Australia’s 2022–2023 Federal Budget, released at the end of March, is a growth-supportive package, which is unsurprising given the approaching Federal Election on May 21. While the time for emergency fiscal support has passed, Australia will refrain from fiscal consolidation in the new fiscal year that starts on July 1, as the economy’s recovery remains a priority. The fiscal deficit is projected to remain virtually unchanged, narrowing from 3.5% of GDP in FY2021–22 to 3.4% in FY2022–23. The shortfall will be narrowed gradually from FY2023–24 onwards. Meanwhile, gross public debt is set to increase from 39.5% of GDP this year to 42.5% of GDP in FY2022–23. Nevertheless, we note that Australia’s public debt is low when compared to its advanced economy peers. To help Australians cope with rising prices, the budget includes a one-off payment to welfare recipients and pensioners as well as a cost-of-living tax offset for low- and middle-income earners. In addition, a temporary six-month cut in petrol taxes will be implemented. Defense spending will also get a significant boost, focusing on cyber capabilities. The Australian government will also be investing in apprenticeship programmes to help build a more productive workforce. Other fiscal measures include support to small businesses and first-home buyers.
INFLATION, MONETARY POLICY AND THE AUSTRALIAN DOLLAR OUTLOOK
Australia’s inflationary pressures are intensifying, prompting the RBA to re-assess its monetary policy stance. In Q1-2022, Australia’s headline inflation accelerated to 5.1% y/y (chart 4), while core inflation picked up to 3.7% y/y, well over the RBA’s 2–3% inflation target. We assess that price pressures are becoming more broad-based and persistent. Accordingly, we forecast headline inflation closing 2022 at 4½% y/y and returning towards the 3% mark by the end of 2023.

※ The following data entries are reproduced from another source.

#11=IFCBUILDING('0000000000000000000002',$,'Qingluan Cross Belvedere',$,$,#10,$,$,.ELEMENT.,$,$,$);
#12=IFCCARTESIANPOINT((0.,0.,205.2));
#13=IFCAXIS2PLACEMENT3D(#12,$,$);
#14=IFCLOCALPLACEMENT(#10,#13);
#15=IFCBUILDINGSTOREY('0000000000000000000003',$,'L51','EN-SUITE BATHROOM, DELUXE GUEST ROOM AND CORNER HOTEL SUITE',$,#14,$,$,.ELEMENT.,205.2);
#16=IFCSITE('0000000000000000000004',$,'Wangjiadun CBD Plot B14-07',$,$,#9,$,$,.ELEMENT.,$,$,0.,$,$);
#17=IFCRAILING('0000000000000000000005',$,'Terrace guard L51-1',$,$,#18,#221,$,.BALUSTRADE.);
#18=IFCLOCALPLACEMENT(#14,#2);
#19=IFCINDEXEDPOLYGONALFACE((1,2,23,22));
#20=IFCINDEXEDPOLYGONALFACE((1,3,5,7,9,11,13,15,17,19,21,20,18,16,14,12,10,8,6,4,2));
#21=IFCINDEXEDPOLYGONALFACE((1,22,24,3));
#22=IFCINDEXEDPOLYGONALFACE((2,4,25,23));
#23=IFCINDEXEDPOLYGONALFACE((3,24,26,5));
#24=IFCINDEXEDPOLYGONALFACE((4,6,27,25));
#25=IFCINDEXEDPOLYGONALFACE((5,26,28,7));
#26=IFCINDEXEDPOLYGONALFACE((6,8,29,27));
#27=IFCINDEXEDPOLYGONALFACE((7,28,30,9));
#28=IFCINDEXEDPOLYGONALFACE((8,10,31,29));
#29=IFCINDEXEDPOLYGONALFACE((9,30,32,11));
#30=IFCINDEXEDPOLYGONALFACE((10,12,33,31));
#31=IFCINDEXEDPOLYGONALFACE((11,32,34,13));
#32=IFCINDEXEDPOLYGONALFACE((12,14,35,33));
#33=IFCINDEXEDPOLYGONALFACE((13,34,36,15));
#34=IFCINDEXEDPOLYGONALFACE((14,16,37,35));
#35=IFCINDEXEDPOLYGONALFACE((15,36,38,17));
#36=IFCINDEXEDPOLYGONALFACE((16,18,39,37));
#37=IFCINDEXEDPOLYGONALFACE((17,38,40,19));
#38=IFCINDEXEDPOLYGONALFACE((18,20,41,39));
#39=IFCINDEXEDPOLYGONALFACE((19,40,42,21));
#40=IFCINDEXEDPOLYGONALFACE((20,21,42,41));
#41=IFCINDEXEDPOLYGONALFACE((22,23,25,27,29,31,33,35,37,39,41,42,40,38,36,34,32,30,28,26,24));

A monetary normalization phase is approaching in Australia, yet monetary conditions will remain accommodative in the foreseeable future given elevated inflation. We expect the RBA to change its assessment on the economic and inflation outlook in the near term and turn more hawkish. Nevertheless, we believe that the RBA will stay on the sidelines in the very near term and keep the Cash Rate Target at 0.1%, awaiting the Federal Election on May 21. Moreover, wage dynamics play a crucial element in the RBA’s decision process, and Q1 wage data will not be released until May 18. We expect the RBA to start raising the benchmark interest rate at the July meeting, yet we note that higher-than-expected wage inflation data for Q1 would likely bring the first hike forward to June. Nonetheless, we highlight that we do not foresee runaway inflation in Australia and wage gains are likely to remain relatively low. Accordingly, the RBA’s hiking cycle is set to be gradual, taking the policy rate to 2.25% by the end of 2023.
The Australian dollar (AUD) has depreciated versus the US dollar (USD) (chart 5), reflecting the US Federal Reserve’s hawkish policy stance and investor concerns that China’s economic slowdown could impact Australia’s outlook. As we consider market pricing for the RBA’s rate hikes to be too aggressive, we note that the AUD is subject to a further weakening bias in the near term. Still, we expect the AUD to find renewed support in the second half of 2022 on the back of expected stabilization in the Chinese economy, the RBA’s catch-up, and fading of the broad USD strength. We forecast AUDUSD to close 2022 at 74.0 but with risk clearly tilted to the downside due to overextended RBA pricing.